Then there’s the #taxes, of course.
The billionaires don’t want to pay them, and Trump is amenable to that.
Scott Bessent, nominated for Treasury Secretary, said “the most important economic issue of the day”
was making sure tax cuts for the ultra-wealthy stayed in place.
Bessent is accused of being a tax dodge himself.
Mass privatization could make things even more profitable for the tech industry
But that’s all small potatoes.
The real money is in the #military.
The venture capitalist Marc Andreessen
— also a board member of Meta and major investor in X
— has been recruiting Trump administration staffers and even influencing Defense Department and intelligence agency hiring, The Washington Post reports.
As usual, he’s given the game away by bragging about it on a podcast.
Silicon Valley investors generally have been bullish on defense tech like industry poster children #Anduril and #Palantir.
(a16z is a major Anduril backer, and both companies are founded and owned by some of the Valley’s earliest MAGA faithful.)

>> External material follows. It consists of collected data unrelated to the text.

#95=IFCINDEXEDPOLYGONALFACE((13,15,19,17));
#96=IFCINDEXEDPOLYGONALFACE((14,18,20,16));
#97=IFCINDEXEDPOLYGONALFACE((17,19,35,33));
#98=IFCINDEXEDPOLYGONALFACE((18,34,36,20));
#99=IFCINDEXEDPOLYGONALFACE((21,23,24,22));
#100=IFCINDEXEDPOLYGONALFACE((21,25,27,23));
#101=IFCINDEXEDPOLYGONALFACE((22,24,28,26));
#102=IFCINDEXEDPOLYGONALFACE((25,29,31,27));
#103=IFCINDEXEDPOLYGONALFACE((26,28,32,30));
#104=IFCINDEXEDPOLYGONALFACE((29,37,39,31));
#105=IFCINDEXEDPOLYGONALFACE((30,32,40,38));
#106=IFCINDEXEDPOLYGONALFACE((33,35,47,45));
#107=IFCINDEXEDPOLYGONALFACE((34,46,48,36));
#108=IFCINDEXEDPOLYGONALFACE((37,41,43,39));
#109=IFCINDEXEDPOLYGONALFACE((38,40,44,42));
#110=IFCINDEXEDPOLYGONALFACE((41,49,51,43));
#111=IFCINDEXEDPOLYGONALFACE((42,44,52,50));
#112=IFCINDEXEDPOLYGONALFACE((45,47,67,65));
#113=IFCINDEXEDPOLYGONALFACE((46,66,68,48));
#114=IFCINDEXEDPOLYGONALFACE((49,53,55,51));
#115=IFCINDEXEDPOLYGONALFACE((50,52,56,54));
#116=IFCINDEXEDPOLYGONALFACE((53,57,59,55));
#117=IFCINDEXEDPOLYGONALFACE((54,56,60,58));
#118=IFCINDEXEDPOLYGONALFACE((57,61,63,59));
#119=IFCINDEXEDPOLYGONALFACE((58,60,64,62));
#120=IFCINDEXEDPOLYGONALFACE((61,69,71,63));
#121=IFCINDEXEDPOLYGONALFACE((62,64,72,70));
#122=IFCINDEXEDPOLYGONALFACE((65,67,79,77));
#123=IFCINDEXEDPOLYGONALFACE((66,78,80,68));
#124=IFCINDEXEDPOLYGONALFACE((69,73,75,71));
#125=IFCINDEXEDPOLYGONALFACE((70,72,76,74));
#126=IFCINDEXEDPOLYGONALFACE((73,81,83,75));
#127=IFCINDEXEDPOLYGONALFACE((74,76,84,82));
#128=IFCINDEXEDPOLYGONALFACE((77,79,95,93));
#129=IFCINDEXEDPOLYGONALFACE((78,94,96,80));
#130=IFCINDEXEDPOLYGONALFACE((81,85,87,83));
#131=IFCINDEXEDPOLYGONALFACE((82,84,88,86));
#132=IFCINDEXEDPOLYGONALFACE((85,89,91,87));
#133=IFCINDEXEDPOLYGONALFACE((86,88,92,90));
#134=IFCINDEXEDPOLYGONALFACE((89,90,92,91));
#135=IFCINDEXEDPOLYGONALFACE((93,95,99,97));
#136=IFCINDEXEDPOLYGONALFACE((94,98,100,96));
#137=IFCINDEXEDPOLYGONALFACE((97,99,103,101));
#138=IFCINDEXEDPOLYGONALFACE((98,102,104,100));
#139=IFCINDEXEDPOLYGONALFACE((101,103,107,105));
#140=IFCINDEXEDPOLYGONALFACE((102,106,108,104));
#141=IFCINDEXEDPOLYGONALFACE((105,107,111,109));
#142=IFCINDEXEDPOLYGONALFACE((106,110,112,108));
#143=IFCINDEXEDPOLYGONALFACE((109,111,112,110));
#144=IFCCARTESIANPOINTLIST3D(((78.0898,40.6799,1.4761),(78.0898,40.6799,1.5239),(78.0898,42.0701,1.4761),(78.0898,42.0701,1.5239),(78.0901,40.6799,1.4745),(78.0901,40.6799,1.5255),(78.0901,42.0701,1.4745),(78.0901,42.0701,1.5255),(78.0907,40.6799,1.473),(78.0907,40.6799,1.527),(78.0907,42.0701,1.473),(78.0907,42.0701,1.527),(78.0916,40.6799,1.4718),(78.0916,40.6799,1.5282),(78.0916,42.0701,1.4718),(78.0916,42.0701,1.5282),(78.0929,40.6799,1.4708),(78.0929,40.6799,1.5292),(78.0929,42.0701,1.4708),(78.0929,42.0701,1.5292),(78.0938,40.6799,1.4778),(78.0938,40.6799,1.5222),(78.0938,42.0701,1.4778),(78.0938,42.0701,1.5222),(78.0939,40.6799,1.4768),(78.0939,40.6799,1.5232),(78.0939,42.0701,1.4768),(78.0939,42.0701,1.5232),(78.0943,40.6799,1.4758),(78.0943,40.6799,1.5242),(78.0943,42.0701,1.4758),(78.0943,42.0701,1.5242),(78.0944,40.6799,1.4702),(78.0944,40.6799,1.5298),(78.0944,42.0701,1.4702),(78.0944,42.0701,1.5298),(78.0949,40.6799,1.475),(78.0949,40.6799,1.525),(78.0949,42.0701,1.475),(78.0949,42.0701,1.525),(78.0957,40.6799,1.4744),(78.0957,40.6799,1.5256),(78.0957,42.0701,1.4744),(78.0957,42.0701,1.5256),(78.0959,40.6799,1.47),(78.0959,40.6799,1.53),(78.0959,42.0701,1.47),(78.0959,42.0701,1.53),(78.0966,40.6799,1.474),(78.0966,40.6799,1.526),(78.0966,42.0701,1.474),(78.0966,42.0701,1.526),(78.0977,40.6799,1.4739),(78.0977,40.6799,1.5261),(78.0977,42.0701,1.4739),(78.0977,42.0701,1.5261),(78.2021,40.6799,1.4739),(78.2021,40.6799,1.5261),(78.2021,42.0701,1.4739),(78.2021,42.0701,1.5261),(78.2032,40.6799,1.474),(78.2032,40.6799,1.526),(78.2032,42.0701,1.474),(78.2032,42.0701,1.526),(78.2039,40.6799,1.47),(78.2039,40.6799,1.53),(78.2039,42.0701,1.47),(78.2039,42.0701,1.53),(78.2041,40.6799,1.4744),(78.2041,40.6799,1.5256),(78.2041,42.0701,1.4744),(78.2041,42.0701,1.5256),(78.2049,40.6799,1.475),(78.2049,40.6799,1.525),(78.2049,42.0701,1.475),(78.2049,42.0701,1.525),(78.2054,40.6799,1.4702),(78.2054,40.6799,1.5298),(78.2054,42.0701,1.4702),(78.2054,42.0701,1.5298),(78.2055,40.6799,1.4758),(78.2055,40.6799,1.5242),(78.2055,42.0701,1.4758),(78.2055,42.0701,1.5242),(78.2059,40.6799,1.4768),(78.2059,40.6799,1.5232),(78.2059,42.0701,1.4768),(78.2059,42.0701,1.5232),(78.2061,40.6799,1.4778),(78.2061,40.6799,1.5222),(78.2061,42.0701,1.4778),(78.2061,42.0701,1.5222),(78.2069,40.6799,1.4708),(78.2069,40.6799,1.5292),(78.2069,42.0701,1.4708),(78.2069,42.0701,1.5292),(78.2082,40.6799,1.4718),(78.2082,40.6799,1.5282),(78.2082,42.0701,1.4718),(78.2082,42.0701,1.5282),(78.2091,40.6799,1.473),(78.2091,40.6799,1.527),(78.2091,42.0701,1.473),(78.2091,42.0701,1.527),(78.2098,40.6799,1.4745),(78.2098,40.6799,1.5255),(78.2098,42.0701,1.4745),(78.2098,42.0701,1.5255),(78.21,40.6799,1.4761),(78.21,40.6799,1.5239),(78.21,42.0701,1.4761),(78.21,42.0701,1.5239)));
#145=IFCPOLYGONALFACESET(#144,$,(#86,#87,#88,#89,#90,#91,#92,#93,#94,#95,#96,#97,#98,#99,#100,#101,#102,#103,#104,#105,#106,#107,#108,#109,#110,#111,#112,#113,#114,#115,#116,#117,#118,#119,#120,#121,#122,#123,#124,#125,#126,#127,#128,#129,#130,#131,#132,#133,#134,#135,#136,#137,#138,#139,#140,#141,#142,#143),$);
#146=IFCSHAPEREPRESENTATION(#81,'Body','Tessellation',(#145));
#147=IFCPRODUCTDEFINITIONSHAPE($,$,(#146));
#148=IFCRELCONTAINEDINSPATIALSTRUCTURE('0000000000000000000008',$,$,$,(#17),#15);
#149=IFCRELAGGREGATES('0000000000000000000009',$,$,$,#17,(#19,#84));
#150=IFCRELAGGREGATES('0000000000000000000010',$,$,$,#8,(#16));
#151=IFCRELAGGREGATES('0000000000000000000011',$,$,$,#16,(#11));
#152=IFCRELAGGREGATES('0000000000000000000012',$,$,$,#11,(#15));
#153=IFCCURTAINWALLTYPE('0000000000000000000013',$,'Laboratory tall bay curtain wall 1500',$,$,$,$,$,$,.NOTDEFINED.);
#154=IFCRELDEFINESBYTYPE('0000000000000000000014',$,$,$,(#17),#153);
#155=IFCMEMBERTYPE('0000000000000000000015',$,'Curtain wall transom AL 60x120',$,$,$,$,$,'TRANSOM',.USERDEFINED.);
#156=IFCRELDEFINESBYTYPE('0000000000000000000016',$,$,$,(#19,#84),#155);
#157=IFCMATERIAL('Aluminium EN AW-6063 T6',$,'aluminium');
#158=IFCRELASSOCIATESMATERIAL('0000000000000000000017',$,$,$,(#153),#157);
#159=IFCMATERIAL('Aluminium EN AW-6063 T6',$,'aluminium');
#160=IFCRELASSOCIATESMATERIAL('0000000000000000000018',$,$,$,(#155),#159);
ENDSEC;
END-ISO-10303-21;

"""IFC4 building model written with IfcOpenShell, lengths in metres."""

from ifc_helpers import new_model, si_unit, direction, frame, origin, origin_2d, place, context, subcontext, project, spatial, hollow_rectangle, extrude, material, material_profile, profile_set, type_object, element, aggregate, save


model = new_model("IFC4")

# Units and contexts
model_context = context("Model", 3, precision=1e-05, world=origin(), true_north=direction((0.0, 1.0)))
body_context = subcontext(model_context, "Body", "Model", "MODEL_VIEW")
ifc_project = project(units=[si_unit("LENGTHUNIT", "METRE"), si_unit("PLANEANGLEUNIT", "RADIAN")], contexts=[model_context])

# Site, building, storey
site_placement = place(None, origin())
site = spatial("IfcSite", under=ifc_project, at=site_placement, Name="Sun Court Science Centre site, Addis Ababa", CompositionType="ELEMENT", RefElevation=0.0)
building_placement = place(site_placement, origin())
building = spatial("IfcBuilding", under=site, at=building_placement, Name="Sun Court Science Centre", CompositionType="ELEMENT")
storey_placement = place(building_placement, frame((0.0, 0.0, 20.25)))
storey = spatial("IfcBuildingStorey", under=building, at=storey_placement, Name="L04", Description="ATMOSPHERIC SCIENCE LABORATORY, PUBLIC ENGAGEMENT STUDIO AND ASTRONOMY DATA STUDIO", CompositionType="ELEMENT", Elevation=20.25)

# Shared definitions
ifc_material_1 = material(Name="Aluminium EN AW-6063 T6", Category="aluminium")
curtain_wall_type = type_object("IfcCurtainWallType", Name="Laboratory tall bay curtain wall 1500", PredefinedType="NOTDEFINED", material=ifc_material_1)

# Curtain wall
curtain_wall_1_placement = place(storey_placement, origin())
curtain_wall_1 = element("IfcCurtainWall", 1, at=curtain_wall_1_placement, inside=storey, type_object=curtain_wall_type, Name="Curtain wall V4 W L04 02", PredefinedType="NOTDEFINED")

They want to shift Pentagon spending away from old-school contractors like Lockheed Martin,
which appears to be so freaked out that when the “Big Tech Alert” X account noted it had unfollowed Musk,
the Lockheed account DM’d to say it was “inadvertent.”
Musk’s #SpaceX has a number of contracts with the US military and intelligence agencies,
including the so-called #Starshield satellites.
He’s used his influence to meddle in the war between Russia and Ukraine, and has even reportedly taken phone calls from Vladimir Putin.
The military’s interest in artificial intelligence has also inspired a new race for everything from
building out data centers to providing cloud computing.
Musk’s #xAI, something of an also-ran next to OpenAI, Meta, and Google, could legitimize itself with DoD contracts.